香噴噴的菜肴陸續被端上桌,林朗、攸晴和單文暉邊吃邊聊,氣氛愉悅輕鬆。單文暉也不再計較那兩個小屁孩的變化,覺得這樣很好。林唯一快滿一十三歲,攸晴才十九歲,多美好的年紀啊,就該這樣吃吃喝喝,說說笑笑,那什麼心臟病、精神病,都他媽見鬼去吧!
吃完飯,林朗要回家了,攸晴捨不得他,說:「咱們換條路走吧,去停車場還有另一條路,沿著濕地,晚上……人會比較少。」
林朗說:「好,你帶路。」
攸晴就帶著他穿出巷子,走到了濕地邊。
濕地公園面積巨大,不可能用圍牆圍起來,景區管委會就疏通了一條河道,環繞著整個濕地,算是把裡外分開。
彎彎的月亮掛在天上,月光疏淡,繁星閃爍。彥城即將入夏,濕地多水,偶爾能聽見幾聲蛙鳴,「呱呱呱」的很有野趣。
攸晴領著林朗走在河邊的游步道上,男生在左,女孩在右,攸晴告訴林朗,天氣好的時候,這條游步道總是遊人如織,在河邊散步,能隔著河道遠眺濕地內的美景,三四月還能觀賞桃花、櫻花,很受百姓們的歡迎。
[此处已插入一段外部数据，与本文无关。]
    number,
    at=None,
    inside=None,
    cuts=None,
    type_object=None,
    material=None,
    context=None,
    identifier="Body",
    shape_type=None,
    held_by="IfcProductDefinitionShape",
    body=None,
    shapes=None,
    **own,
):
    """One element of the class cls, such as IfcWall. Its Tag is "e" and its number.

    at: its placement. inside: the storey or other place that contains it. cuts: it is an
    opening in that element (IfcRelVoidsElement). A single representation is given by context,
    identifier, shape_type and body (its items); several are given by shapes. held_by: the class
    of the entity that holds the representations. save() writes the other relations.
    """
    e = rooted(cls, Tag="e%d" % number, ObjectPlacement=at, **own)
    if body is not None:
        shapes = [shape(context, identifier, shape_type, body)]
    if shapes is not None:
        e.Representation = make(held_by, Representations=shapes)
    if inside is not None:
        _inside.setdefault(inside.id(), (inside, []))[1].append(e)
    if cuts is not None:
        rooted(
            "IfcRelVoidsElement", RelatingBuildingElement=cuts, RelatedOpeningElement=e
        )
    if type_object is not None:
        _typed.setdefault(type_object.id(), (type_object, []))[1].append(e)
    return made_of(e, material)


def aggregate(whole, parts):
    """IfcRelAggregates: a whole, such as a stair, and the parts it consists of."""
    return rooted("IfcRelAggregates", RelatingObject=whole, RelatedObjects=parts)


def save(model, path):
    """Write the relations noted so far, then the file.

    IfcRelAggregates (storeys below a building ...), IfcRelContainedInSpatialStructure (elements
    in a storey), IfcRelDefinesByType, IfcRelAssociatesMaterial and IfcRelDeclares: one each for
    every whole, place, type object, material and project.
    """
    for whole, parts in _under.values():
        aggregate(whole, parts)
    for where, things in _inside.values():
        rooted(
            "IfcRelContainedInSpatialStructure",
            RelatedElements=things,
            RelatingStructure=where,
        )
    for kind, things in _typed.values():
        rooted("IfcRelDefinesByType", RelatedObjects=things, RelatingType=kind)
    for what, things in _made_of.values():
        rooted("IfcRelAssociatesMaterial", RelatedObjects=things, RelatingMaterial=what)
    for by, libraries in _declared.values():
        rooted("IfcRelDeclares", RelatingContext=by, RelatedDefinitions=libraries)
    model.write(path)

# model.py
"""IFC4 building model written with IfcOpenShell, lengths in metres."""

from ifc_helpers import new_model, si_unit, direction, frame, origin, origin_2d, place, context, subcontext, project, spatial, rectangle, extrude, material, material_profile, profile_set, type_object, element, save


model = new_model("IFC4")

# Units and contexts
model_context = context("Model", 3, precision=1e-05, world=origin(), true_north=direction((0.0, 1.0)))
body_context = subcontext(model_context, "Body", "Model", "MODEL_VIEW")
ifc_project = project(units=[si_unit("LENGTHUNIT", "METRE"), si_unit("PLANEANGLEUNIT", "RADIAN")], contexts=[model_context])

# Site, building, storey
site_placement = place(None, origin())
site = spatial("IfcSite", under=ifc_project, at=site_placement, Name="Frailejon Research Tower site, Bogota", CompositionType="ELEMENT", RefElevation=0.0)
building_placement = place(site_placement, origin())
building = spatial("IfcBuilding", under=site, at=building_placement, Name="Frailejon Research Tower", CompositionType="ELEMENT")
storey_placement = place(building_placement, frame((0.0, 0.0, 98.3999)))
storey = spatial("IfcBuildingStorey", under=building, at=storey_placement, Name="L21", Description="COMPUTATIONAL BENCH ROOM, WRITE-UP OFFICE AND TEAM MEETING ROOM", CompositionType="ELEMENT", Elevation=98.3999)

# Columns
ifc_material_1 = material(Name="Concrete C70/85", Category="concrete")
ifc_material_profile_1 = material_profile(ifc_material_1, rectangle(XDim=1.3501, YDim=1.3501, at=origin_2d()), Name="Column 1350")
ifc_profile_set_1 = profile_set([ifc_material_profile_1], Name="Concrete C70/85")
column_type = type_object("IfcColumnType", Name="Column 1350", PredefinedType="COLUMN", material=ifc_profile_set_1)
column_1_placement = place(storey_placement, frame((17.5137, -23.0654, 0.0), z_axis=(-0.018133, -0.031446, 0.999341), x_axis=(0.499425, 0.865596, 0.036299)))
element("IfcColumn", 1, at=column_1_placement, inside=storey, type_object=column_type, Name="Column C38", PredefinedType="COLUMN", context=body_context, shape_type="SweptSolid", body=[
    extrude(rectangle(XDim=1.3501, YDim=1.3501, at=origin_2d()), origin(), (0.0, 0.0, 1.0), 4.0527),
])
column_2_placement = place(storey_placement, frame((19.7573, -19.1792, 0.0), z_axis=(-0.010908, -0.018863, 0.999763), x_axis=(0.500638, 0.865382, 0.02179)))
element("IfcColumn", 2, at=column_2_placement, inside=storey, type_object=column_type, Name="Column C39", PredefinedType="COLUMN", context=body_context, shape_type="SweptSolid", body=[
「現在是晚上,你看,周圍也沒店鋪,黑漆漆的什麼景色都看不見,所以就沒什麼人了。」攸晴笑著說,「要不是有暉哥跟著,我也不敢帶你過來。」
林朗說:「找個白天,你帶我過來走走?」
「好啊。」攸晴剛應下,又想起他是個很難出現的人,頓時就泄了氣,「可是林朗,我不知道什麼時候才能再見到你。」
這個問題,林朗也答不上來。
他和攸晴慢悠悠地走著,腳步和心情一樣,都有些沉重。有風吹來,吹起了林朗的長發,他轉頭看向攸晴,她只穿著短袖衫,林朗問:「你冷嗎?」
「不冷。」攸晴摸摸胳膊,「都快六月了,我剛還被蚊子咬了一口呢,這兒是濕地,蚊子特別多。」
「是嗎,咬哪兒了?」林朗問。
攸晴把左胳膊抬起來給他看:「喏,這兒。」
左小臂上有個蚊子包,周圍太黑,林朗湊近了些才看清,手指去摸了一下,說:「真的,好大一個。」
「毒蚊子,癢死了。」攸晴小聲抱怨。
林朗用指甲幫她輕輕地掐,攸晴感覺到舒服,一不小心笑出聲來。林朗一愣,抬眸看她,攸晴立刻閉了嘴,想要把手收回去時,林朗沒讓她如願,飛快地用右手牽住了她的左手。:,,.